Marie est une vraie mère qui connaît les épreuves, les forces et les faiblesses de ses enfants. Mais elle connaît aussi la volonté de Dieu et comment il a mis en place le monde pour le vrai bonheur, l'ordre, la beauté, la paix, etc.
Elle veut nous conduire à ces choses, mais encore une fois, cela dépend de notre coopération avec elle. Même quelque chose d'aussi simple que de l'approcher en disant "Je ne sais pas vraiment comment cela fonctionne, mais j'ai besoin de toi comme mère dans ma vie", peut avoir des effets dramatiques et changeants.
Ce n’est pas par hasard que le pape François a promu la dévotion à « Notre-Dame qui défait les noeuds ». La plupart d'entre nous ont des luttes très compliquées dans nos vies et surtout dans nos familles, mais Marie peut en arriver au cœur même.
Vous parlez de certaines fois, Marie a changé le monde sur le plan civilisationnel: Lepanto et Guadalupe, par exemple. Mais souvent, les structures étaient beaucoup plus catholiques que partout aujourd'hui: les monarques catholiques, l'idée de la chrétienté était encore répandue, etc. N'est-il pas naïf de croire qu'une «option mariale» puisse changer ce monde sécularisé comme jamais?

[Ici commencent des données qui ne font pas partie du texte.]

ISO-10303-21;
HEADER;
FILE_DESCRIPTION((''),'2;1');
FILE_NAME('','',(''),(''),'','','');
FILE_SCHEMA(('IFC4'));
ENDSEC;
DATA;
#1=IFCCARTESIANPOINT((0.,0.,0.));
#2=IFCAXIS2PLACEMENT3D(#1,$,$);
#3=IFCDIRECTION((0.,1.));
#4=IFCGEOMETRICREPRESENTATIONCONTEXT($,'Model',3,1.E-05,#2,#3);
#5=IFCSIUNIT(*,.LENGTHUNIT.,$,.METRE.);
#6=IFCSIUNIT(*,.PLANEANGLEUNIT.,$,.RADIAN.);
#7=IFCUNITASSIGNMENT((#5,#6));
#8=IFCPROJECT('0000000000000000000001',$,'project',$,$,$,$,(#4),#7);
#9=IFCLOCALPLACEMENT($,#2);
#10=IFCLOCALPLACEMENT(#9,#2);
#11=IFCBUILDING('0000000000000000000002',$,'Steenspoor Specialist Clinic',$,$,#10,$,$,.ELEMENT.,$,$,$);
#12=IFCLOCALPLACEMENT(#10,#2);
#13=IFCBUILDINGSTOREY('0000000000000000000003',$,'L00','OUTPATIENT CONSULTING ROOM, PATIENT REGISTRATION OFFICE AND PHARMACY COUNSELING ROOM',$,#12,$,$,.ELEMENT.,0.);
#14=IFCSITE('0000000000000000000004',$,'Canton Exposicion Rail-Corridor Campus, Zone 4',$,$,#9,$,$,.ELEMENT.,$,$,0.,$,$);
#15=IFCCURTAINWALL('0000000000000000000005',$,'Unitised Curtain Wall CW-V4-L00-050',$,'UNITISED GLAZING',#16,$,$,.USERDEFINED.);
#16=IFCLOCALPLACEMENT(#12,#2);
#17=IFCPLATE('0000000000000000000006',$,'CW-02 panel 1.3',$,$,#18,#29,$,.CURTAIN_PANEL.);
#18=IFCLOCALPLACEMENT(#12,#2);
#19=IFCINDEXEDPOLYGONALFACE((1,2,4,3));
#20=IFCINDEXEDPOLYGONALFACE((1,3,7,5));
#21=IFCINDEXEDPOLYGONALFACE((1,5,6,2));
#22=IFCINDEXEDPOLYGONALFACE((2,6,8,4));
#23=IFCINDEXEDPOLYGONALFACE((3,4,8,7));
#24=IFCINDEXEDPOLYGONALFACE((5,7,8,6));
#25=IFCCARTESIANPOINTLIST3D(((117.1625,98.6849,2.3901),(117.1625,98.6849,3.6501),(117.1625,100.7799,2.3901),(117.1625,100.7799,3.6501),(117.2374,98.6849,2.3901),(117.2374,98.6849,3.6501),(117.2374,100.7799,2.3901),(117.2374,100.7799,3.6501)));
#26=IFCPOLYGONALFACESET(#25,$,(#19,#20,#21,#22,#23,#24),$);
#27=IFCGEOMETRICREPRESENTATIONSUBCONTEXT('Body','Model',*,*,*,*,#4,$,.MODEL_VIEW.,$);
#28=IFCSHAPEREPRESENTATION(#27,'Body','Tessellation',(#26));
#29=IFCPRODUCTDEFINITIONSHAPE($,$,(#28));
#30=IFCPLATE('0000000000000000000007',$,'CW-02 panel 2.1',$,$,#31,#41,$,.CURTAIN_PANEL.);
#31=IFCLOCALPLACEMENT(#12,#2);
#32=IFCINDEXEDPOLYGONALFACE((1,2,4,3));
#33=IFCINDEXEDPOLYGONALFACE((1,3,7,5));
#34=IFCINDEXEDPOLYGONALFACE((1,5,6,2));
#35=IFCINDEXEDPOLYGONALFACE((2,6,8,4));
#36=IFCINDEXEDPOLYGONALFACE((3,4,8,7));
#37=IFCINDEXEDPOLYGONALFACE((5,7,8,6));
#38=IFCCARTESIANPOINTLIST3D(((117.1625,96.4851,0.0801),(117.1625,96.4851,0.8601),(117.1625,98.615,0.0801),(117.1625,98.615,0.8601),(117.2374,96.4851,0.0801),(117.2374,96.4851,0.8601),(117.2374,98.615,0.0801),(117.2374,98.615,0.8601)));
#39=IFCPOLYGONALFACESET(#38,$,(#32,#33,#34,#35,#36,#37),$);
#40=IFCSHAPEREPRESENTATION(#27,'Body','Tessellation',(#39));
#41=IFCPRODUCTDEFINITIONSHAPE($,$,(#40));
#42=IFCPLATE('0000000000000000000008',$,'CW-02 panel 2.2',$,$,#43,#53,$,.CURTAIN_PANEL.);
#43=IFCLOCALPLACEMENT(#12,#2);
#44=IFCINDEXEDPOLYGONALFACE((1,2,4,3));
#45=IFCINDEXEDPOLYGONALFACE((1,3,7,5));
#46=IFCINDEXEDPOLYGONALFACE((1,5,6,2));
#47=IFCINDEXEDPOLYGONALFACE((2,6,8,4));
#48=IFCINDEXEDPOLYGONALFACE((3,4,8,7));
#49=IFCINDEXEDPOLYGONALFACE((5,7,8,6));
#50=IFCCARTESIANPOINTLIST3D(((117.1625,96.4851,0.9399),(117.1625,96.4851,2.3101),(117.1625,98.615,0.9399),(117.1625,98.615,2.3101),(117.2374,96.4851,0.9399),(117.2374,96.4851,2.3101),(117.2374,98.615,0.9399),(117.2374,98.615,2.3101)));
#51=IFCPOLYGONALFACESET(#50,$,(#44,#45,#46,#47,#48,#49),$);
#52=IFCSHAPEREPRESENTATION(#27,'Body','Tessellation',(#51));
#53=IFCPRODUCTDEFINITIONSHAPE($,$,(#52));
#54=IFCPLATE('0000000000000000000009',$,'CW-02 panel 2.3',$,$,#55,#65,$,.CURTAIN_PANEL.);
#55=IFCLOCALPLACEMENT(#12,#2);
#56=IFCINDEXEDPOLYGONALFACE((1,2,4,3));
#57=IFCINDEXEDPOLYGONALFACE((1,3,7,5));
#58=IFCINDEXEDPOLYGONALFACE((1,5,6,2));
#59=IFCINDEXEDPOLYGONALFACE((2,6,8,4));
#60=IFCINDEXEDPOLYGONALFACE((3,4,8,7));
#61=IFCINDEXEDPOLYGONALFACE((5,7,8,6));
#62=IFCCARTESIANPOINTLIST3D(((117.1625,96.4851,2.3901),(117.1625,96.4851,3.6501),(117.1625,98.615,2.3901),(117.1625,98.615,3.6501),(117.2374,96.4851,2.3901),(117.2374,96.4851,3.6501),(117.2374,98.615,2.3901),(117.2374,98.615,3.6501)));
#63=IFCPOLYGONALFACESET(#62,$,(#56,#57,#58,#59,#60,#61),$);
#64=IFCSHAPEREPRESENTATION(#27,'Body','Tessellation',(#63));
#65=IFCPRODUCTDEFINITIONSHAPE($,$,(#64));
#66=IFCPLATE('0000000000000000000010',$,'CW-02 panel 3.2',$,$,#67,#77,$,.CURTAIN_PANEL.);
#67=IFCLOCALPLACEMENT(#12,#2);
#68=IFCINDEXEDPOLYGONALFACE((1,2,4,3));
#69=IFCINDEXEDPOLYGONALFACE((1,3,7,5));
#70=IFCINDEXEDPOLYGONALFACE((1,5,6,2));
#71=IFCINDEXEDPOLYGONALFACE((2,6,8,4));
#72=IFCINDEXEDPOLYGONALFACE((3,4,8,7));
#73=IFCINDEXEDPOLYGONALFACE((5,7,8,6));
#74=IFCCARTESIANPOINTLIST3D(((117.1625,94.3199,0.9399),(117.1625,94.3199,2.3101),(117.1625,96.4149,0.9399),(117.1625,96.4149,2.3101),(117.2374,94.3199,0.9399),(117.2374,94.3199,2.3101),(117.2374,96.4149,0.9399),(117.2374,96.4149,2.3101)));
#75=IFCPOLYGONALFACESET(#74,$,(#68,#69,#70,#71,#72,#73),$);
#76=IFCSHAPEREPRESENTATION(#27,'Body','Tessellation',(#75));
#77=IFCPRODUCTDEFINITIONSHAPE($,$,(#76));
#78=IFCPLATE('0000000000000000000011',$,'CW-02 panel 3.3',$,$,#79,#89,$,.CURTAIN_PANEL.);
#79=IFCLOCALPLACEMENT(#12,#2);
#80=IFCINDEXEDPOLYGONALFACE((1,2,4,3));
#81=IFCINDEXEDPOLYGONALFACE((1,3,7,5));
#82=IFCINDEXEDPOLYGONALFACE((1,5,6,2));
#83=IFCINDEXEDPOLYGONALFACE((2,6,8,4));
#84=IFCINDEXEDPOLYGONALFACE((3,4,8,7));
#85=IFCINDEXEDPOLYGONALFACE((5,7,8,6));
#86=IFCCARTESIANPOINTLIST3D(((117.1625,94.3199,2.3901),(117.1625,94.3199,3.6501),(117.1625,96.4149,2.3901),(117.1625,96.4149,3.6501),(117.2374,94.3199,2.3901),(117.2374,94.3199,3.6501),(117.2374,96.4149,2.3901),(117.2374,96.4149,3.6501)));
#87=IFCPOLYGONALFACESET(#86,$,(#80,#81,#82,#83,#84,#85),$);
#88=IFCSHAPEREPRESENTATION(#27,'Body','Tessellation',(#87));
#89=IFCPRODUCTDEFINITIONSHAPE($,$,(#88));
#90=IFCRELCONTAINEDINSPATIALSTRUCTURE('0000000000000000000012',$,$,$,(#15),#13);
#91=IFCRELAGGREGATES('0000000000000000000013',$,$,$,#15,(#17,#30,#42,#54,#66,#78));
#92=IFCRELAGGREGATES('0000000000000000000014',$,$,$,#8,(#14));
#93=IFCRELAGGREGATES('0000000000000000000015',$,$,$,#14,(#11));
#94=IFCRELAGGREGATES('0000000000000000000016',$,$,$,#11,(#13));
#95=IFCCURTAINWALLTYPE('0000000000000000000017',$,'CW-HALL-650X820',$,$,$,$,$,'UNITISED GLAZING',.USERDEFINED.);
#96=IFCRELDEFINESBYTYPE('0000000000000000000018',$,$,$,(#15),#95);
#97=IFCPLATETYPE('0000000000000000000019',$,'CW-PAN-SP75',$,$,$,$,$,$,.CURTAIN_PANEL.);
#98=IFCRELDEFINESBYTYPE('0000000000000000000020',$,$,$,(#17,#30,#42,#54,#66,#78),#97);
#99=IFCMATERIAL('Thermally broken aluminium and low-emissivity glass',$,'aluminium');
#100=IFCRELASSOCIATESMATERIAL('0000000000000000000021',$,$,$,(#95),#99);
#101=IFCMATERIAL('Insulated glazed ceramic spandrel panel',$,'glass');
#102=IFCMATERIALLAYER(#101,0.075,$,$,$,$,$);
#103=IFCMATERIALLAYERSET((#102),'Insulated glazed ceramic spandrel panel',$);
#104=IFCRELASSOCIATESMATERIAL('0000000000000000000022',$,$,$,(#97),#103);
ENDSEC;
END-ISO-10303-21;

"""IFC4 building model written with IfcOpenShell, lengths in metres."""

from ifc_helpers import new_model, si_unit, direction, frame, origin, origin_2d, place, context, subcontext, project, spatial, rectangle, extrude, material, layer, layer_set, type_object, element, aggregate, save


model = new_model("IFC4")

# Units and contexts
model_context = context("Model", 3, precision=1e-05, world=origin(), true_north=direction((0.0, 1.0)))
body_context = subcontext(model_context, "Body", "Model", "MODEL_VIEW")
ifc_project = project(units=[si_unit("LENGTHUNIT", "METRE"), si_unit("PLANEANGLEUNIT", "RADIAN")], contexts=[model_context])

# Site, building, storey
site_placement = place(None, origin())
site = spatial("IfcSite", under=ifc_project, at=site_placement, Name="Canton Exposicion Rail-Corridor Campus, Zone 4", CompositionType="ELEMENT", RefElevation=0.0)
building_placement = place(site_placement, origin())
building = spatial("IfcBuilding", under=site, at=building_placement, Name="Steenspoor Specialist Clinic", CompositionType="ELEMENT")
storey_placement = place(building_placement, origin())
storey = spatial("IfcBuildingStorey", under=building, at=storey_placement, Name="L00", Description="OUTPATIENT CONSULTING ROOM, PATIENT REGISTRATION OFFICE AND PHARMACY COUNSELING ROOM", CompositionType="ELEMENT", Elevation=0.0)

# Curtain wall, plates
ifc_material_1 = material(Name="Thermally broken aluminium and low-emissivity glass", Category="aluminium")
curtain_wall_type = type_object("IfcCurtainWallType", Name="CW-HALL-650X820", ElementType="UNITISED GLAZING", PredefinedType="USERDEFINED", material=ifc_material_1)
curtain_wall_placement = place(storey_placement, origin())
curtain_wall = element("IfcCurtainWall", 1, at=curtain_wall_placement, inside=storey, type_object=curtain_wall_type, Name="Unitised Curtain Wall CW-V4-L00-050", ObjectType="UNITISED GLAZING", PredefinedType="USERDEFINED")
ifc_material_2 = material(Name="Insulated glazed ceramic spandrel panel", Category="glass")
ifc_layer = layer(ifc_material_2, 0.075)
ifc_layer_set = layer_set([ifc_layer], Name="Insulated glazed ceramic spandrel panel")
plate_type = type_object("IfcPlateType", Name="CW-PAN-SP75", PredefinedType="CURTAIN_PANEL", material=ifc_layer_set)
plate_1_placement = place(storey_placement, frame((117.2, 99.7324, 2.3901), z_axis=(0.0, 0.0, 1.0), x_axis=(0.0, -1.0, 0.0)))
plate_1 = element("IfcPlate", 2, at=plate_1_placement, type_object=plate_type, Name="CW-02 panel 1.3", PredefinedType="CURTAIN_PANEL", context=body_context, shape_type="SweptSolid", body=[
    extrude(rectangle(XDim=2.095, YDim=0.075, at=origin_2d()), origin(), (0.0, 0.0, 1.0), 1.26),
])
plate_2_placement = place(storey_placement, frame((117.2, 97.55, 0.0801), z_axis=(0.0, 0.0, 1.0), x_axis=(0.0, -1.0, 0.0)))
plate_2 = element("IfcPlate", 3, at=plate_2_placement, type_object=plate_type, Name="CW-02 panel 2.1", PredefinedType="CURTAIN_PANEL", context=body_context, shape_type="SweptSolid", body=[
    extrude(rectangle(XDim=2.1299, YDim=0.075, at=origin_2d()), origin(), (0.0, 0.0, 1.0), 0.78),
])
plate_3_placement = place(storey_placement, frame((117.2, 97.55, 0.9399), z_axis=(0.0, 0.0, 1.0), x_axis=(0.0, -1.0, 0.0)))
plate_3 = element("IfcPlate", 4, at=plate_3_placement, type_object=plate_type, Name="CW-02 panel 2.2", PredefinedType="CURTAIN_PANEL", context=body_context, shape_type="SweptSolid", body=[
    extrude(rectangle(XDim=2.1299, YDim=0.075, at=origin_2d()), origin(), (0.0, 0.0, 1.0), 1.3701),
])
plate_4_placement = place(storey_placement, frame((117.2, 97.55, 2.3901), z_axis=(0.0, 0.0, 1.0), x_axis=(0.0, -1.0, 0.0)))
plate_4 = element("IfcPlate", 5, at=plate_4_placement, type_object=plate_type, Name="CW-02 panel 2.3", PredefinedType="CURTAIN_PANEL", context=body_context, shape_type="SweptSolid", body=[
    extrude(rectangle(XDim=2.1299, YDim=0.075, at=origin_2d()), origin(), (0.0, 0.0, 1.0), 1.26),
])
plate_5_placement = place(storey_placement, frame((117.2, 95.3674, 0.9399), z_axis=(0.0, 0.0, 1.0), x_axis=(0.0, -1.0, 0.0)))
plate_5 = element("IfcPlate", 6, at=plate_5_placement, type_object=plate_type, Name="CW-02 panel 3.2", PredefinedType="CURTAIN_PANEL", context=body_context, shape_type="SweptSolid", body=[
    extrude(rectangle(XDim=2.095, YDim=0.075, at=origin_2d()), origin(), (0.0, 0.0, 1.0), 1.3701),
])
plate_6_placement = place(storey_placement, frame((117.2, 95.3674, 2.3901), z_axis=(0.0, 0.0, 1.0), x_axis=(0.0, -1.0, 0.0)))
plate_6 = element("IfcPlate", 7, at=plate_6_placement, type_object=plate_type, Name="CW-02 panel 3.3", PredefinedType="CURTAIN_PANEL", context=body_context, shape_type="SweptSolid", body=[
    extrude(rectangle(XDim=2.095, YDim=0.075, at=origin_2d()), origin(), (0.0, 0.0, 1.0), 1.26),
])
aggregate(curtain_wall, [plate_1, plate_2, plate_3, plate_4, plate_5, plate_6])

save(model, "model.ifc")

Il n'y a rien de naïf  à croire que Marie peut transformer notre monde séculier. Oui, cela peut sembler difficile à croire, mais je pense que la preuve du pouvoir et de la portée de son intercession est écrasante lorsqu'on regarde tous ensemble.

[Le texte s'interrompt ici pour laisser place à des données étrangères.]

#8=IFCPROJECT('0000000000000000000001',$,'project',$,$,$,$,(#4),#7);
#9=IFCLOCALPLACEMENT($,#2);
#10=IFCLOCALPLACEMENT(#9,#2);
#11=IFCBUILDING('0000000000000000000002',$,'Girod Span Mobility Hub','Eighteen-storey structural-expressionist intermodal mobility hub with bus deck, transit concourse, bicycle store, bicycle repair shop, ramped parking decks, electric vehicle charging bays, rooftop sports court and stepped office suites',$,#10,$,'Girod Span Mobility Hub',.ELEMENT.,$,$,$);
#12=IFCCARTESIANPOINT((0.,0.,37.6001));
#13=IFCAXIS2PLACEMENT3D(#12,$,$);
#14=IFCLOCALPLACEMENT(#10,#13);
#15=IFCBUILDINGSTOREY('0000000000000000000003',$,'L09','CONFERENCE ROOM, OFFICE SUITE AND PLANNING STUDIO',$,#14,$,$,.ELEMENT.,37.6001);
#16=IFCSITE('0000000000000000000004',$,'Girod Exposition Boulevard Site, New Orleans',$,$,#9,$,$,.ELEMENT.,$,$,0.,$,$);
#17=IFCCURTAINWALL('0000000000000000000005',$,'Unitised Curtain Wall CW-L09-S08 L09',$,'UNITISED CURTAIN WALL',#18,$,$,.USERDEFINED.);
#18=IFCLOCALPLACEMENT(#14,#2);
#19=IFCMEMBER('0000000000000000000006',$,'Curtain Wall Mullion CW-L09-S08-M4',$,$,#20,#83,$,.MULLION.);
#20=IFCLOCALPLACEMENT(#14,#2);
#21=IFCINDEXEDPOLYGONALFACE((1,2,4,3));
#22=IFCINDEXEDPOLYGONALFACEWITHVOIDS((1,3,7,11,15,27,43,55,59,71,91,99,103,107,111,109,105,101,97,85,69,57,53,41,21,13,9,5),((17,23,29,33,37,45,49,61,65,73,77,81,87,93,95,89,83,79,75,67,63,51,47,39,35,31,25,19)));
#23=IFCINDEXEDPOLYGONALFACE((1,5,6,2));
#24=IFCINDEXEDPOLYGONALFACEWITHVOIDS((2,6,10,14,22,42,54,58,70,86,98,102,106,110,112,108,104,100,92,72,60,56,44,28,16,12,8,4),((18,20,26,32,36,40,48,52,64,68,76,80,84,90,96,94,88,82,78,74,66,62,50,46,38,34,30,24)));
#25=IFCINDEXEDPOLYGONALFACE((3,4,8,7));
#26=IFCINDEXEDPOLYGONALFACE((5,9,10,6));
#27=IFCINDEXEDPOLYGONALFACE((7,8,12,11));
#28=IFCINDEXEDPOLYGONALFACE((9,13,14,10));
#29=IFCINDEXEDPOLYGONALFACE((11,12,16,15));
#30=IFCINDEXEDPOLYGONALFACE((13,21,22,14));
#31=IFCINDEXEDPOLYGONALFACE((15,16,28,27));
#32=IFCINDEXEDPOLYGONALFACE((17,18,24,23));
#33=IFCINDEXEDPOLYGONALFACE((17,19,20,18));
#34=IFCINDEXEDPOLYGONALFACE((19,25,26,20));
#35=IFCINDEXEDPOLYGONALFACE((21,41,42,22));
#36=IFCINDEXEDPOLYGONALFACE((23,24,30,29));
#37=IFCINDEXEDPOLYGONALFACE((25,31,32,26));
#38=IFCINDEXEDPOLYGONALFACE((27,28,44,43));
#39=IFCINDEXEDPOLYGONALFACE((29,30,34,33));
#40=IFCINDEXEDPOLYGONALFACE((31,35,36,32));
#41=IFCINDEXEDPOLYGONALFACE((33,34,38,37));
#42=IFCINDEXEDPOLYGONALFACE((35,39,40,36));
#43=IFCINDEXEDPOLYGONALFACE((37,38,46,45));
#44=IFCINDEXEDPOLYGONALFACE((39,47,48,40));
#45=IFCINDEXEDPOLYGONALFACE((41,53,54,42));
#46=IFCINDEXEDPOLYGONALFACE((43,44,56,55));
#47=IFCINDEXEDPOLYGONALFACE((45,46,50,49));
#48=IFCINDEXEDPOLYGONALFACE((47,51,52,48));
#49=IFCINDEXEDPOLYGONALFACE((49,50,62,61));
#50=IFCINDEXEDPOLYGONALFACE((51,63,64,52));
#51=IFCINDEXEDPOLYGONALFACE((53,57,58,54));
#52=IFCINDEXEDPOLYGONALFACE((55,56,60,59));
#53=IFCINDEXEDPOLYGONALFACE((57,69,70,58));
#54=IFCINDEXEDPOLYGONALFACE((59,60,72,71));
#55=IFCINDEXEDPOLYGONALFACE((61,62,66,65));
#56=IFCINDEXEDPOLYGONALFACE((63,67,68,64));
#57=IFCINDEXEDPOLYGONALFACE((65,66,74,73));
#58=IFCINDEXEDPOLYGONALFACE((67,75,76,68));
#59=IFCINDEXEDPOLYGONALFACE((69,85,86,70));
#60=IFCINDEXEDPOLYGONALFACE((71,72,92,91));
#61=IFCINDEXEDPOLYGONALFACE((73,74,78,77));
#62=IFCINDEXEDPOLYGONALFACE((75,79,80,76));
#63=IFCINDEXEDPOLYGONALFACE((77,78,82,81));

Notre-Dame a dit à Sainte-Lucie, l'un des trois bergers de Fatima, que, pendant notre temps, il n'y a rien - aucun problème matériel ou spirituel - qui ne peut être résolu par le chapelet. Padre Pio a également précisé que le chapelet devrait être notre arme de choix pour les moments où nous vivons.
Donc, même s'il apparaît que le pouvoir du mal est gagnant, nous savons que Marie est encore plus puissante. Comme la petite pierre que David a lancée à Goliath, les petites pierres du chapelet peuvent faire beaucoup plus que ce que nous ne pouvons imaginer.